Adrian Cimpoï devant une maquette de toiture en zinc espère faire ce métier encore « longtemps ». © Eloi Thouault

« Pour le moment, c’est un métier que je compte faire longtemps, affirme Adrian. Tous les matins, quand tu montes sur les toits avec tes frères, c’est juste magnifique. Tu vois tous les paysages de Paris. Tu te sens libre ». Ces mots reviennent inévitablement dans la bouche de ces apprentis lorsqu’ils évoquent leur quotidien perché. « J’ai eu un moment dans ma vie qui n’était pas facile. Sur les toits, je reste concentré sur ma tâche et j’oublie tous mes problèmes », nous confie le jeune moldave qui continue de soigner sa maquette. À ces quelques mots, son professeur « monsieur Marie », placé à côté de lui, ne peut s’empêcher de laisser couler quelques larmes. « Moi aussi, le métier de couvreur m’a permis de sortir la tête de l’eau. Tu laisses tes emmerdes au pied de l’échafaudage, et pendant une journée tu admires la canopée parisienne. C’est incroyable », explique-t-il en essuyant ses yeux.

Si Adrian est venu vers ce métier par « passion », la profession continue pourtant de souffrir d’un « déficit d’image », déplore Gilles Mermet. « Il en faut du courage pour montrer chaque jour sur les toits de Paris. Et les gens le comprennent de moins en moins, observe-t-il. Au XIXe siècle, lors de la construction des bâtiments haussmanniens, être zingueur c’était bien vu par la société ». Dans L’Assommoir de Zola, le personnage de Coupeau, ouvrier-zingueur, est d’ailleurs présenté comme un héros du quotidien.
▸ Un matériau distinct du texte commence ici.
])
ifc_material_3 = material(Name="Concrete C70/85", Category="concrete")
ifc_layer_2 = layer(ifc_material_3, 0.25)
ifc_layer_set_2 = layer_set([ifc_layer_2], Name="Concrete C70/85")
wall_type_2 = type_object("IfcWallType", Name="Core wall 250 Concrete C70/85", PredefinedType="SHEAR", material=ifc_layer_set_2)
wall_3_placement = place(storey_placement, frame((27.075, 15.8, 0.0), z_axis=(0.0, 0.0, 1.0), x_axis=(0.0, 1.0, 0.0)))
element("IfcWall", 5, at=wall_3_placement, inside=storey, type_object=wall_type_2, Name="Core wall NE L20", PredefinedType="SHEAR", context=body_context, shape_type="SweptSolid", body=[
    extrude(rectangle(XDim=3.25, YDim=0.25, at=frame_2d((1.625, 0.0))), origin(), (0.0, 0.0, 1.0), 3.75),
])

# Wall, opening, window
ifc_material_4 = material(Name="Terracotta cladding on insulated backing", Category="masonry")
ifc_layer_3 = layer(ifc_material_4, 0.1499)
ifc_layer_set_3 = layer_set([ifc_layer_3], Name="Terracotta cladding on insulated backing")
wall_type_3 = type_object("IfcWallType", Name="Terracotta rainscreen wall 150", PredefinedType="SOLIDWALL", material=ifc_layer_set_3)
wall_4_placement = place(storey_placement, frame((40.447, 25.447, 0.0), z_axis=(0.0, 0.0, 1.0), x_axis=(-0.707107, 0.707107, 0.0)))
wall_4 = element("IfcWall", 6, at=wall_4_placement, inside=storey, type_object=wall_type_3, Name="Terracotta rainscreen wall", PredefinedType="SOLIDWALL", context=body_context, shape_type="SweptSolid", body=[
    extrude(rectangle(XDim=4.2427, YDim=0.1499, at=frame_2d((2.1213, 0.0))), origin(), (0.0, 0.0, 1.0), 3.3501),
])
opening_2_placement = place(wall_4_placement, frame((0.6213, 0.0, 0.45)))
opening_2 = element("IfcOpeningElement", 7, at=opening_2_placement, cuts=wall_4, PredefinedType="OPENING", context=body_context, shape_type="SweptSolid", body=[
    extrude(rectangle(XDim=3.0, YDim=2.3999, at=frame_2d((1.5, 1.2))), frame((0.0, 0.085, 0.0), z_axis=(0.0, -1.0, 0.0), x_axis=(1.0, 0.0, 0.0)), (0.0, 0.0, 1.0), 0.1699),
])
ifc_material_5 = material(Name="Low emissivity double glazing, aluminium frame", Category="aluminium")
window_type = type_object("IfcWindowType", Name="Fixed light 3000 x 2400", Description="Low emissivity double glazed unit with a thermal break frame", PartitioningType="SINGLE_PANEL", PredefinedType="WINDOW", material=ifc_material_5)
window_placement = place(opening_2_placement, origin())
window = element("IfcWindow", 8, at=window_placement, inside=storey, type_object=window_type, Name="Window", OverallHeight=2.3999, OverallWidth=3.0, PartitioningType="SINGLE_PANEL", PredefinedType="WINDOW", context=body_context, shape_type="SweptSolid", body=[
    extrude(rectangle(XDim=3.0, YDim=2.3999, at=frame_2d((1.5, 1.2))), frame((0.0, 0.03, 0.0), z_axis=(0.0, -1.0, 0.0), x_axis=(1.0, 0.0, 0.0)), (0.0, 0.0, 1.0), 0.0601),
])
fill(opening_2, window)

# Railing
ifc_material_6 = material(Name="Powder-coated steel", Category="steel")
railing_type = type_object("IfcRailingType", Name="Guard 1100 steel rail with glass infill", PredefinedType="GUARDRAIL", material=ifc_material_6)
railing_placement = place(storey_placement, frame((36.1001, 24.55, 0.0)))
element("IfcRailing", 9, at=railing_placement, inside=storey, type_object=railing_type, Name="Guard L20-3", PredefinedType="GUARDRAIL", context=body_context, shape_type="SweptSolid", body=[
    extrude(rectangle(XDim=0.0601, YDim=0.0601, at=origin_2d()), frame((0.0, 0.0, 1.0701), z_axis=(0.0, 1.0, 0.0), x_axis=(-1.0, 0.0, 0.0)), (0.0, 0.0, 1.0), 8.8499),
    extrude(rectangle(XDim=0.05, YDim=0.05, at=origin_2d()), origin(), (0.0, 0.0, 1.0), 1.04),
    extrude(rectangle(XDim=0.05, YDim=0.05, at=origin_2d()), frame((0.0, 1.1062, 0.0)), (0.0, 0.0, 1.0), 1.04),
À chaque coup de marteau sur le zinc, c’est donc un peu de cette mémoire collective qui résonne dans l’atelier de l’Éco-Campus. Ici, entre les maquettes de toiture et les outils de soudure, ces étudiants assimilent un patrimoine qui leur survivra. « Le monde ne nous voit pas, mais sans nous, il prend l’eau », lâche Éric Marie dans un sourire. Et tant qu’il y aura des élèves pour enfiler le largeot et faire chanter le métal sous leurs doigts, alors ce savoir ne disparaîtra pas.